Anleger hoffen 2026 auf neue Impulse durch Michael Leiters, der zu Beginn des Jahres den CEO-Posten bei Porsche von Oliver Blume übernommen hat. Die Aktie kann sich jedoch noch nicht von der psychologisch wichtigen 40-Euro-Mare absetzen. Und Goldman Sachs senkte am Mittwoch das Kursziel für die Aktie.
Der neue CEO Michel Leiters hat viele Baustellen vor der Brust. Neben dem sinkenden Absatz belastet der Strategieschwenk, wieder mehr Verbrenner zu entwickeln und zu produzieren, die Porsche AG. „Die Verkäufe im wichtigsten Absatzmarkt China stehen weiterhin unter Druck, bei der Elektro-Transformation hapert es. Leiters muss eine Porsche Strategie definieren und dann Stück für Stück in die Umsetzung gehen. Also die Fragen 400.000 Fahrzeuge + X oder exklusive Nische á la Ferrari. Dazwischen gibt es nichts“, sagt Auto-Experte Ferdinand Dudenhöffer gegenüber DER AKTIONÄR.

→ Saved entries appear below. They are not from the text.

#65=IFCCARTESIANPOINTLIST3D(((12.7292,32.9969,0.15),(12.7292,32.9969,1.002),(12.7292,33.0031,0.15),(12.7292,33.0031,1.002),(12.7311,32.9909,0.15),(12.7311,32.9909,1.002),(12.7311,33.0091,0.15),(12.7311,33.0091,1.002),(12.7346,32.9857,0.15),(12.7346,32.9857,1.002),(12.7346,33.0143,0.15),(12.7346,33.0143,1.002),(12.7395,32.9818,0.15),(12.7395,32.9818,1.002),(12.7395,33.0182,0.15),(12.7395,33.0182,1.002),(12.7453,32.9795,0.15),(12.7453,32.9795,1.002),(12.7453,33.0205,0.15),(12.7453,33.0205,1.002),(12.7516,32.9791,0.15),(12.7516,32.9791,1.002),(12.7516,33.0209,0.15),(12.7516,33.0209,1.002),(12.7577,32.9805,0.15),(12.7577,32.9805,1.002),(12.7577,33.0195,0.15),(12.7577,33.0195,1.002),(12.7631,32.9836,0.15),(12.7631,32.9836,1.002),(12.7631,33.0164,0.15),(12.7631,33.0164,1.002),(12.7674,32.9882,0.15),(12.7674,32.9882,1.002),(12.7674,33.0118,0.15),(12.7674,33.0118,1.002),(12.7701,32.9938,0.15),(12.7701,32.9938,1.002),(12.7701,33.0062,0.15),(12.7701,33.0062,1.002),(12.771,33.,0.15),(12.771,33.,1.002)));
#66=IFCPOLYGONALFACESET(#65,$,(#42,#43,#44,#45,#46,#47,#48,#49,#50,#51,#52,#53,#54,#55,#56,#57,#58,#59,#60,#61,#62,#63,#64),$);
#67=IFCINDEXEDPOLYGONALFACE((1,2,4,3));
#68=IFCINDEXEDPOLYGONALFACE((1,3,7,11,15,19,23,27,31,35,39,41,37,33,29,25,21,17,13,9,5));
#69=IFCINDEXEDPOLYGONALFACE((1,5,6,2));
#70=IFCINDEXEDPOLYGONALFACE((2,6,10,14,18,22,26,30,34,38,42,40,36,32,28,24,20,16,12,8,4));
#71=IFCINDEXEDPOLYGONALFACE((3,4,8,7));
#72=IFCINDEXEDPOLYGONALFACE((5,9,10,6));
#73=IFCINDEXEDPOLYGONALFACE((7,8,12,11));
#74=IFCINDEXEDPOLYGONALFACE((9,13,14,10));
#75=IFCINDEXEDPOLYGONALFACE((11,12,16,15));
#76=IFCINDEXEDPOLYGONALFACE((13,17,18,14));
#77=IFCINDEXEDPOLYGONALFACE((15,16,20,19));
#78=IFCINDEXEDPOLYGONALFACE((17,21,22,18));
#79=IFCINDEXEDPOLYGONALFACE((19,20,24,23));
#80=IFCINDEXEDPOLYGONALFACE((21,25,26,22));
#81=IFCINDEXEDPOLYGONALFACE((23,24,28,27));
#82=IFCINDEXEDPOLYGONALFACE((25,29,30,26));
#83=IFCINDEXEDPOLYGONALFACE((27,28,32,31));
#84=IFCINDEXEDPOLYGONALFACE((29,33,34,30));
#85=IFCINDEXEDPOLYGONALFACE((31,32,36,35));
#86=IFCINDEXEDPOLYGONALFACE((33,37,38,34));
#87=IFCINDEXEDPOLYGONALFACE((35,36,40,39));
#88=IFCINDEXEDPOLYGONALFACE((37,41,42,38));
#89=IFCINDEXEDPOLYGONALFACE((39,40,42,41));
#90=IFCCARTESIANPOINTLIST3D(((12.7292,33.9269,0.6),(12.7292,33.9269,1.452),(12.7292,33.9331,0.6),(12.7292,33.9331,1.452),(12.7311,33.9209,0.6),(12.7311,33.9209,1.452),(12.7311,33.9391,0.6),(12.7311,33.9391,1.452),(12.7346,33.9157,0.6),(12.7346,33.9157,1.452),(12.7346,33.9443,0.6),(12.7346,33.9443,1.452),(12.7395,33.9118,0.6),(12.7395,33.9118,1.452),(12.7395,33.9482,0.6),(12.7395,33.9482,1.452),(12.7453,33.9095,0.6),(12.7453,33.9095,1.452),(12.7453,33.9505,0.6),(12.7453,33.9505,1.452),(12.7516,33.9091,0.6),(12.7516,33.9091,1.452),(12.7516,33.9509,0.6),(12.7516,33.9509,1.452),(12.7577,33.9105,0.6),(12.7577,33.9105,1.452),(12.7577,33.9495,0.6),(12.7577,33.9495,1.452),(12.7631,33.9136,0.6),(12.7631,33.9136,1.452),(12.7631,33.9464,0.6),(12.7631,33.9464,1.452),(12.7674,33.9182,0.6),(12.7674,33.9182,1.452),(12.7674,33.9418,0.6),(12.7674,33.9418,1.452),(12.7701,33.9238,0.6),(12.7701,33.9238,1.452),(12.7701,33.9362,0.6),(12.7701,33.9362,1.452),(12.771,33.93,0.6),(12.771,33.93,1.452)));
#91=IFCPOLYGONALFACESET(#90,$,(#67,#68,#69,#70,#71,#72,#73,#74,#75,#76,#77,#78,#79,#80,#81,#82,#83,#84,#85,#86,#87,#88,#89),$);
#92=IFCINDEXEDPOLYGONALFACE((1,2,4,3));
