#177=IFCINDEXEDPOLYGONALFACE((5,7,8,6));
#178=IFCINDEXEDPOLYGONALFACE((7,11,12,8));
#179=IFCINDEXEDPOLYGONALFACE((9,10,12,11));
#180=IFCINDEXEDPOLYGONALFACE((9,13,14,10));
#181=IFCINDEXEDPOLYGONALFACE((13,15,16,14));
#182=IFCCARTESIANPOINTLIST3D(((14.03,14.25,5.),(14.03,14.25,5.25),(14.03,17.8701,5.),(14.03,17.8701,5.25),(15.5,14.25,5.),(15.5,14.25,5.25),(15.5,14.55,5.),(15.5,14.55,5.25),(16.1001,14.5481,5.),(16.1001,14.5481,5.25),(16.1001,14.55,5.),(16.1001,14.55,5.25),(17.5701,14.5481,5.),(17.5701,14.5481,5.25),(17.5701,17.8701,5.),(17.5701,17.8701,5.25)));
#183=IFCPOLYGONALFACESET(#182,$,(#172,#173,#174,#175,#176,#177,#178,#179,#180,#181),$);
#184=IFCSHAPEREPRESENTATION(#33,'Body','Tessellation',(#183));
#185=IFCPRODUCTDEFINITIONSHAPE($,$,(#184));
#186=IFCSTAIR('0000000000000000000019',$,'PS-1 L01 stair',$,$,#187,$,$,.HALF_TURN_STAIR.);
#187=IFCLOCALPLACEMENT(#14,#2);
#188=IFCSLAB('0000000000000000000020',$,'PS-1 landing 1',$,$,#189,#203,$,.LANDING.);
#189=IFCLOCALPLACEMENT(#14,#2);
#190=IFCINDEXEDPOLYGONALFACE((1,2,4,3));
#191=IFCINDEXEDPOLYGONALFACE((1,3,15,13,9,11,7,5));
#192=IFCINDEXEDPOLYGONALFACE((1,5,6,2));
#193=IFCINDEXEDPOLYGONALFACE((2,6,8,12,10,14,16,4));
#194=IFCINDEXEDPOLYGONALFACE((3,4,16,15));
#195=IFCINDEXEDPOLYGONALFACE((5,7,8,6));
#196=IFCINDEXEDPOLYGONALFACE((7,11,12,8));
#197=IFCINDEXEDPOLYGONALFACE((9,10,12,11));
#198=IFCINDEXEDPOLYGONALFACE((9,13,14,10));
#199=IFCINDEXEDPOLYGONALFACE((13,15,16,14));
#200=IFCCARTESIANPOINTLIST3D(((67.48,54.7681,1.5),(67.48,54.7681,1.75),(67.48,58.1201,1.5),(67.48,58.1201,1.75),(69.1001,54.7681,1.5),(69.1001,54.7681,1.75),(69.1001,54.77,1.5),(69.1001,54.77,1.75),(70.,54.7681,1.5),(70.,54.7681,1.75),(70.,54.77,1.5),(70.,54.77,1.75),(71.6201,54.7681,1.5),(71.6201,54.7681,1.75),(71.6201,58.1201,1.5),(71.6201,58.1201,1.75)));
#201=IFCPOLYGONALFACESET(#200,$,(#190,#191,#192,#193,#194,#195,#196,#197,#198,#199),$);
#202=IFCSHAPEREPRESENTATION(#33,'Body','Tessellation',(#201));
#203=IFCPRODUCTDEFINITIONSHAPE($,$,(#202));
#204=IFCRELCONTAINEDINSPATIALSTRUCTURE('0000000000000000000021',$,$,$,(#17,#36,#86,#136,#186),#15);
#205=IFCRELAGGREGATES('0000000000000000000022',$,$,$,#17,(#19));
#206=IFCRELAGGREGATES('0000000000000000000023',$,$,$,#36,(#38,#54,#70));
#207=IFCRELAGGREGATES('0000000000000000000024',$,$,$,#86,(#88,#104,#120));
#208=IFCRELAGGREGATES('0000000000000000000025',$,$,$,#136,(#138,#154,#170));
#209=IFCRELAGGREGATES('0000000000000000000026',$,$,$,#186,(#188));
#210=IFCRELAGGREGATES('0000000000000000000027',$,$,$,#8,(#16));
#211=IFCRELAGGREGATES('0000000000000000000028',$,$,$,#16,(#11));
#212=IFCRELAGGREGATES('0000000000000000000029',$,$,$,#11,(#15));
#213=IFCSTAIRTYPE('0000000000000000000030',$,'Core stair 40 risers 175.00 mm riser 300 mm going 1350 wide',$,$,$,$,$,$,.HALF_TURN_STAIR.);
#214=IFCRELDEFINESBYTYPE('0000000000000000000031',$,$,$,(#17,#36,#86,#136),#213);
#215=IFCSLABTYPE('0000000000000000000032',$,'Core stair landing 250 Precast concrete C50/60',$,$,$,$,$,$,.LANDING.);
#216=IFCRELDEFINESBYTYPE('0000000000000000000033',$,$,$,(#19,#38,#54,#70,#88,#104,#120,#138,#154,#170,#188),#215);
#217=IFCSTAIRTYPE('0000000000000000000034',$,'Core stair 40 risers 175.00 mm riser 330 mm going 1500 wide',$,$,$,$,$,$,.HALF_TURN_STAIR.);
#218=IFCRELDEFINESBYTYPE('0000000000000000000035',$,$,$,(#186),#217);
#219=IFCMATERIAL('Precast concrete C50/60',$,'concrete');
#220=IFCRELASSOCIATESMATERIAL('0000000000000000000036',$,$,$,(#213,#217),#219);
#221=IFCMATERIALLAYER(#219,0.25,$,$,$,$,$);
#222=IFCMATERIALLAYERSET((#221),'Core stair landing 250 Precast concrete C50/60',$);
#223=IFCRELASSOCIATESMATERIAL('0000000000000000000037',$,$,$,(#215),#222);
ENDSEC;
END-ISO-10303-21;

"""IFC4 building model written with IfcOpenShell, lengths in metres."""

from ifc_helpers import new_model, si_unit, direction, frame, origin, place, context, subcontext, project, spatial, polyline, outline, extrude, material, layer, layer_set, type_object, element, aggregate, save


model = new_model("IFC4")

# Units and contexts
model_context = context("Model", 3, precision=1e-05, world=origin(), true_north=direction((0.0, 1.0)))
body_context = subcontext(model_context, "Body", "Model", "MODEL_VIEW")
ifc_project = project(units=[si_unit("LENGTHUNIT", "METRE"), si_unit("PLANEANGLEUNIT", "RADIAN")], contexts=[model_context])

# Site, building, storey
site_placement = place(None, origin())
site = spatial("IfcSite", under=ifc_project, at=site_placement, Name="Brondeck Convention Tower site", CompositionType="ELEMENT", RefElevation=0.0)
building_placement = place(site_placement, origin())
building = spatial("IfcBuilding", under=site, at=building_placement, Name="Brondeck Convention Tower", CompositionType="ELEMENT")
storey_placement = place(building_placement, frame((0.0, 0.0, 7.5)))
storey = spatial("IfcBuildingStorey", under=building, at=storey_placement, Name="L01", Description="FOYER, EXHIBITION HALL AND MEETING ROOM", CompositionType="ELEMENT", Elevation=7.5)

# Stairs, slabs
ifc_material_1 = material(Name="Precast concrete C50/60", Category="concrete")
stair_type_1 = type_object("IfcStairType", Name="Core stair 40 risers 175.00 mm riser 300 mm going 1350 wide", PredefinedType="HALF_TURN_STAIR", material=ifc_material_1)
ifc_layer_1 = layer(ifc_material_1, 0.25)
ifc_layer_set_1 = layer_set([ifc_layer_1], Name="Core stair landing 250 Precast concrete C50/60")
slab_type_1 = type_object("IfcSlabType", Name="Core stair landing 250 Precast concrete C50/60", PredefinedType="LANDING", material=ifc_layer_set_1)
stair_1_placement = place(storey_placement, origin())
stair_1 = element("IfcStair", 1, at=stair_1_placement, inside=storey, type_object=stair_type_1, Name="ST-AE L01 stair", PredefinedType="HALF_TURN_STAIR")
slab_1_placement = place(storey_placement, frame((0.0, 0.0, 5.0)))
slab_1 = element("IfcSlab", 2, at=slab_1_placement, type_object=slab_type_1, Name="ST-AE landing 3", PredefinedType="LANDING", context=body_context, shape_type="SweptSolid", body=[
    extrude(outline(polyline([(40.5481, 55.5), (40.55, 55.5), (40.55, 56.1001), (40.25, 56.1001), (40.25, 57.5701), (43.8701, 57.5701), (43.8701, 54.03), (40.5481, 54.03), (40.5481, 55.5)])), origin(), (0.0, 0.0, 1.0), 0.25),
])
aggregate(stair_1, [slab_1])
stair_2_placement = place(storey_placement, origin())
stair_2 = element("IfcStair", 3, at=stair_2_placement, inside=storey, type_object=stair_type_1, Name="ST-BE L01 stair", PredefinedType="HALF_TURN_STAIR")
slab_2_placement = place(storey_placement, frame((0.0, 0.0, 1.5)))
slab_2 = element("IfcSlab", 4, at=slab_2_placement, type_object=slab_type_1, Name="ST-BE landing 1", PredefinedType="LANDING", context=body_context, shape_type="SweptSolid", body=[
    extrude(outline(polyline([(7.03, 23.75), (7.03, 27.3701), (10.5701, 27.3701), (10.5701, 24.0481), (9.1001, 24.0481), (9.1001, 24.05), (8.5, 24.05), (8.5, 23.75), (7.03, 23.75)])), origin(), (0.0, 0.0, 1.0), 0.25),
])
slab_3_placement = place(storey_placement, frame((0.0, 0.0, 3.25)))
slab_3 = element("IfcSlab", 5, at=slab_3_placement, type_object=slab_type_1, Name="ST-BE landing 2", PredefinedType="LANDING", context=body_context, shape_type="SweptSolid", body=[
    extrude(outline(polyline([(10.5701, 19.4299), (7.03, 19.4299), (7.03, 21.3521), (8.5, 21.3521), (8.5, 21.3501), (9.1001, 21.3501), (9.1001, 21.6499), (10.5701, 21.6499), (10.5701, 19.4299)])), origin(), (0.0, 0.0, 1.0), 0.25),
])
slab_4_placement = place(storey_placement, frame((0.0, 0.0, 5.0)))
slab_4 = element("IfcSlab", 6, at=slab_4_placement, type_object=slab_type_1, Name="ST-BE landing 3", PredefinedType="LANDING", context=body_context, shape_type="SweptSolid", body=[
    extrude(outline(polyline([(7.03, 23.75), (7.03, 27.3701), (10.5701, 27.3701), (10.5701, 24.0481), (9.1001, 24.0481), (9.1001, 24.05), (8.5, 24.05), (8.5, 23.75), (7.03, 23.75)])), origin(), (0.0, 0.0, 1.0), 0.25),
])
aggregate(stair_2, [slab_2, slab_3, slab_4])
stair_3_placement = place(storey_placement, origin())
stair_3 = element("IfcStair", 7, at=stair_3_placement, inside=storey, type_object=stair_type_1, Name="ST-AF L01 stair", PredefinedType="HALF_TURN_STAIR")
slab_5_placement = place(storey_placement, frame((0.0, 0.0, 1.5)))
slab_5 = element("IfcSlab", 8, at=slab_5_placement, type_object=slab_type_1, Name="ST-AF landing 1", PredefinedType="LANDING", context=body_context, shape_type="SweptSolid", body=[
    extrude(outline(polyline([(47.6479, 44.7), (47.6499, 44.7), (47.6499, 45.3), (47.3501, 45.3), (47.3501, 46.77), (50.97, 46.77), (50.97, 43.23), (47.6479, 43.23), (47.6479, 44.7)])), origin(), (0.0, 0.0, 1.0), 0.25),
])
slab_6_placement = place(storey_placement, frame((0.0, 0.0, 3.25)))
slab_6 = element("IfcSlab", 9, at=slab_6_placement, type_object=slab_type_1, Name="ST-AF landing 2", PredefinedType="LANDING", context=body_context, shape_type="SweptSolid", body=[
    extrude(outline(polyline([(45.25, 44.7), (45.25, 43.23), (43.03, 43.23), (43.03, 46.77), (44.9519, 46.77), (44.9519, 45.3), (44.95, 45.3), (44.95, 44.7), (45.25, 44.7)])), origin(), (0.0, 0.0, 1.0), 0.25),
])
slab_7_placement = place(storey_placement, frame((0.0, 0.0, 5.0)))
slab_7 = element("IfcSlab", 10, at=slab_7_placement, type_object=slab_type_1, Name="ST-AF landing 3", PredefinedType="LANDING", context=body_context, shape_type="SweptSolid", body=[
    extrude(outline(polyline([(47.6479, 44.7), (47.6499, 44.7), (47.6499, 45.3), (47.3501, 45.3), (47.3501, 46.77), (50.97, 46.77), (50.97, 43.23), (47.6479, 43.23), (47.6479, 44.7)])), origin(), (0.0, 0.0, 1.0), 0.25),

Die Analysten jedenfalls trauen der Aktie der Porsche AG keine großen Sprünge im Jahr 2026 zu. Goldman Sachs nahm am Mittwoch das Kursziel für die Aktie von 46 Euro auf 40 Euro zurück. Vor kurzem reagierte auch die UBS und kürzte das Kursziel um zwei Euro auf 42 Euro. Die harte Realität werde die Anleger dieses Jahr wohl früh treffen, schrieb Patrick Hummel in einer Branchenstudie.
"Aus technischer Sicht zeigt sich zeigen sich die Vorzugsaktien der Porsche AG weiterhin in einer angespannten, aber stabilisierungsnahen Lage. Der Kurs bewegt sich um 42 Euro und liegt damit unter dem mittelfristigen gleitenden Durchschnitt, was das übergeordnete Bild noch belastet. Wichtigste kurzfristige Unterstützungszone ist der Bereich zwischen 40 und 39 Euro. Auf der Oberseite treffen die Aktien zunächst bei 43 bis 44 Euro auf Widerstand, wo zuletzt mehrere Erholungsversuche ausgebremst wurden. Auf diesem Niveau tendiert aktuell auch die 200-Tage-Linie. Die Trendfolgeindikatoren liefern derzeit kein klares Signal. Die gleitenden Durchschnitte sprechen noch gegen einen Aufwärtstrend, während RSI und MACD eher neutral bis leicht positiv tendieren. Insgesamt deutet das Bild eher auf eine mögliche Bodenbildung hin. Eine echte Trendwende wäre jedoch erst oberhalb von rund 44 Euro technisch bestätigt", sagt Charttechnik-Experte Martin Utschneider von RoboMarkets Deutschland.
Grundsätzlich ist der Wechsel an der Porsche-Spitze zu begrüßen. Mit Michael Leiters steht ein erfahrener Mann an der Spitze der Porsche AG. Nun hat der Sportwagenbauer einen CEO, der sich Vollzeit auf Porsche und die Baustellen konzentrieren kann. Aufgrund der zahlreichen Probleme warten Anleger jedoch erste Schritte des neuen CEO ab. Die Kursentwicklung hängt maßgeblich an China. Hier hinkt Porsche den innovativen chinesischen Herstellern weit hinterher. Charttechnisch hat sich das Papier nach mehreren Downgrades durch Analysten zumindest wieder stabilisiert. Aus technischer Sicht würde sich eine echte Trendwende erst oberhalb von rund 44 Euro bestätigen.